Neither ozone nor UV will do anything for any algae that is stuck on surfaces and does not get circulated. We've seen plenty of pools with such systems get reported with algae. They help with killing free-floating algae, but not all algae types circulate.

So this got me thinking. I mentioned earlier I usually see a little sand in the pool every week presumably from the filter. I've also had some white calcium like deposits on the pool over the last 4 years, especially in the spa. These are hard, and don't come off with brushing. I had a pool guy take a look once, said he thought I just needed to brush harder. Either way, the algae that I see in the spa usually starts on these spots. Could this be contributing to my recurring problem? Here's a pic from day one of the SLAM showing both the sand and the deposits and algae in the spa.

D5363DD0-CC22-49C6-91A1-A69B4D220C51.jpg

CE9C88B2-852B-44D7-8AF3-8B887AD85474.jpg
 
The pH tends to be higher in a spa due to aeration from jets (if you have/use those) and the hotter water is more prone to scaling of calcium carbonate. Scale can be rough and rough surfaces tend to harbor algae because circulation into the crevices is poor. Dilute acid can remove scale but you would need to be careful because your plaster is colored.
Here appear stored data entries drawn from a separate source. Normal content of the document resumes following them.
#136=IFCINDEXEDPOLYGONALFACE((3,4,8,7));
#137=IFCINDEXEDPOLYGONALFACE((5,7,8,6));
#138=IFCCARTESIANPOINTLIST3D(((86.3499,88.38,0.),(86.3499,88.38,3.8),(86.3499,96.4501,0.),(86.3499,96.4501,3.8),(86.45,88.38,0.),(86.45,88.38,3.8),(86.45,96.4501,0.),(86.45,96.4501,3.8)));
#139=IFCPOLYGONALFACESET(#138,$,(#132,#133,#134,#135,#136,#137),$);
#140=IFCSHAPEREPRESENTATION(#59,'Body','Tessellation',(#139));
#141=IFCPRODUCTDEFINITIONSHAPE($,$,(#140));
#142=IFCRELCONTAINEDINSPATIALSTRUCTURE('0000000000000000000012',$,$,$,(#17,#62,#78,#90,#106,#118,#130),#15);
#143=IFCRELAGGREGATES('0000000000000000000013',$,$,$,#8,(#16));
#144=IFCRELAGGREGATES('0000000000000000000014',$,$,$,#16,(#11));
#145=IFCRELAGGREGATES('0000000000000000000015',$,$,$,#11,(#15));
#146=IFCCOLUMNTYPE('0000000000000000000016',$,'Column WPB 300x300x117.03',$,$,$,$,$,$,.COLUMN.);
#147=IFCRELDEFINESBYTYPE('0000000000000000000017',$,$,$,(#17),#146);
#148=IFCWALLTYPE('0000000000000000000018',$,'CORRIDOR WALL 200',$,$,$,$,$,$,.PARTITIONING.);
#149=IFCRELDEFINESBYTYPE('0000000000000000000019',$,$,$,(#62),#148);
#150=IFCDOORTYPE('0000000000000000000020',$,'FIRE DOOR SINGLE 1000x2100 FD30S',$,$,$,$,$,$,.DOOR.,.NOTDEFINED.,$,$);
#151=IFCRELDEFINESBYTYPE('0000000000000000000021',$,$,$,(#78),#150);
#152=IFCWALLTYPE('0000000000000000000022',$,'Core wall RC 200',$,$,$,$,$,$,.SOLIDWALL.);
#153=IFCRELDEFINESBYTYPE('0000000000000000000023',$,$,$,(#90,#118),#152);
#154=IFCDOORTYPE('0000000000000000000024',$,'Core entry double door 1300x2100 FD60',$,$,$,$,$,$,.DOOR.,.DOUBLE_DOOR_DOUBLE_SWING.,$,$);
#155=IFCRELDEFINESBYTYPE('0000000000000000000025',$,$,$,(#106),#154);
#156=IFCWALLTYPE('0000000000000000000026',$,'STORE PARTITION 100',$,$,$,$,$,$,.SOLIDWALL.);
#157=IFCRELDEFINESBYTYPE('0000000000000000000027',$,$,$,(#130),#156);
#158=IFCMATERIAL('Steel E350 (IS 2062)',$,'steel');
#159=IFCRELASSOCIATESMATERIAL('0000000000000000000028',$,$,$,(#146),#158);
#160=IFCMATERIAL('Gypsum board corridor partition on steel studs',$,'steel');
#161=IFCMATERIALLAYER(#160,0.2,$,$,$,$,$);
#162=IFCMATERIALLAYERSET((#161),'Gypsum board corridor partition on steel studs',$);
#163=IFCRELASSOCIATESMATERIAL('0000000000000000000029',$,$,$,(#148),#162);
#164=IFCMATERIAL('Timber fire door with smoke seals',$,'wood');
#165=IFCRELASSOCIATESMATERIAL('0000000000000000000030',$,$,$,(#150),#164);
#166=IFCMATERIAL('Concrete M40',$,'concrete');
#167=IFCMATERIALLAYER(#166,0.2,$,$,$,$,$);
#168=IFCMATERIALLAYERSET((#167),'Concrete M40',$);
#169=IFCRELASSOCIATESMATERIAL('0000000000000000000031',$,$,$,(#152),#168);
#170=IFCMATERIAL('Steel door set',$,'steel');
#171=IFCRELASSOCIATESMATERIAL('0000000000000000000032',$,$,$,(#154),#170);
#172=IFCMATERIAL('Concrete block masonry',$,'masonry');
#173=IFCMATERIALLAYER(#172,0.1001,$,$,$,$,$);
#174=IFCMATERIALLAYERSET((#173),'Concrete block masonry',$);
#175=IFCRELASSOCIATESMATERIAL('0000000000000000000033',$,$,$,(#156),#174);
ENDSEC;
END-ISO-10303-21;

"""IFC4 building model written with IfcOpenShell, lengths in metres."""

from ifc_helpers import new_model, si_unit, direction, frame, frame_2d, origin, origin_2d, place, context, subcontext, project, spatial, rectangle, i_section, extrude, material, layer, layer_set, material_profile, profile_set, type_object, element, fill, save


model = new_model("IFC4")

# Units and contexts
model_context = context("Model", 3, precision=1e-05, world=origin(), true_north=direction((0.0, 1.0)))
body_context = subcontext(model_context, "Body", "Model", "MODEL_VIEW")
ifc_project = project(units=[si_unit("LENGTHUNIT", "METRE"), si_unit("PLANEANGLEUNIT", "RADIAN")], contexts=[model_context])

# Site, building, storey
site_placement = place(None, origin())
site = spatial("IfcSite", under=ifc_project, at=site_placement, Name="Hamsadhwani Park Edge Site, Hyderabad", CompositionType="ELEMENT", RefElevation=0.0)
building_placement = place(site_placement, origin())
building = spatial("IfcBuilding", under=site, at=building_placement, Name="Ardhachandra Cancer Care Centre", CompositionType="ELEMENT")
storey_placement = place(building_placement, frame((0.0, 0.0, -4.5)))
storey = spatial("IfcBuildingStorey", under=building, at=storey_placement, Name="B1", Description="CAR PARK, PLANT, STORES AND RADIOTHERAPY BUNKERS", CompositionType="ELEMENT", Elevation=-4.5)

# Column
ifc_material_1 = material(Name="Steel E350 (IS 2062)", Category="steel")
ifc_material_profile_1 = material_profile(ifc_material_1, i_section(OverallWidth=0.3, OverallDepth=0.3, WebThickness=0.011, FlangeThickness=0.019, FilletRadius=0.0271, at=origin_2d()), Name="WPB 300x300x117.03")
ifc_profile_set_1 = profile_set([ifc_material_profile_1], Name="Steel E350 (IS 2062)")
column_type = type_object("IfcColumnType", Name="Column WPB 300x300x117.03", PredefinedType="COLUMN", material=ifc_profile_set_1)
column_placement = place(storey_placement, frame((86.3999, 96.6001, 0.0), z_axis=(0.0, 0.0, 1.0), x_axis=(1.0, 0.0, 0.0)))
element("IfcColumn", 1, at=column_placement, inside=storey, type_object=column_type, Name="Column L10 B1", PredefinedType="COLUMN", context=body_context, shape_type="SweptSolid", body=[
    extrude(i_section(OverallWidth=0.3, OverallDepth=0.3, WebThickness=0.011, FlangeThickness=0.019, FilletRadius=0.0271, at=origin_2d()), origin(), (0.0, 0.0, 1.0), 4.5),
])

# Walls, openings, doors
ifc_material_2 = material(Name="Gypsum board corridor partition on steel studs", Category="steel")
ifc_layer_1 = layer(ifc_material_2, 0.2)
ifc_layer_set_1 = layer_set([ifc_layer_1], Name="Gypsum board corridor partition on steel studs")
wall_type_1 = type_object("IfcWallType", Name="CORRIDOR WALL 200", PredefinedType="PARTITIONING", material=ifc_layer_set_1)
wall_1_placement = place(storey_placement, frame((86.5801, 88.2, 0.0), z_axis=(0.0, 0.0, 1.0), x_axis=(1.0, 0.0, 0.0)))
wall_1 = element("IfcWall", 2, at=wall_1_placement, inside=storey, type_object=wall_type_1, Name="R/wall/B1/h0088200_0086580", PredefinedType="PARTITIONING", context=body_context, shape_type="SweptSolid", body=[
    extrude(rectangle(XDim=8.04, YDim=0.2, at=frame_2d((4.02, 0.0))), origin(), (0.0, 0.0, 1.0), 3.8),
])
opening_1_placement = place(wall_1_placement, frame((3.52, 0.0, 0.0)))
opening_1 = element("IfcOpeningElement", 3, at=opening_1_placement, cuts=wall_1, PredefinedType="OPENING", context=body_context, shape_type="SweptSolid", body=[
However, even if this area were where algae could grow, it would get killed in the bulk water or the swimming pool water if the FC level were consistently maintained. It could, however, produce a higher chlorine demand (if there were a lot of algae) and that would put more stain on the SWG cell trying to keep up since it's already on the edge.
 
If you have a opaque cover use it when you are not using the pool. Green algae growth rate is proportional with the amount of light available. When you use the cover you reduce the chlorine loss due to solar radiation as well.
 
I passed the overnight test a few days ago, but have been keeping the pool at SLAM level for a few days just as insurance. Today, I turned back on my SWG and noticed the power light on my Aquarite didn't light up. I cycled the system back to Manual and Auto again, and I got the no-flow light for a few seconds, but still no Active light. Wondering if this could be apart of my problem? The cell is less than a year old, so thinking maybe something is up with the Aquarite? What could cause this?

2014-10-03 13.26.28.jpg
 
Well, turns out my aquarite had failed. The limiter on the board was burned out. I suspected something with the cell earlier in the year and had it tested (it passed) but didn't think the controller was the issue. Power still came on, didn't see any error codes, but was definitely not generating chlorine. The only sign was the generating light was NOT on. It's safe to say this was the cause of all my trouble this summer.

I followed instructions on the forum to solder in a new limited on the board, and it's been running great for about a week now. Chlorine levels have finally stabilized and things are back to normal (finally).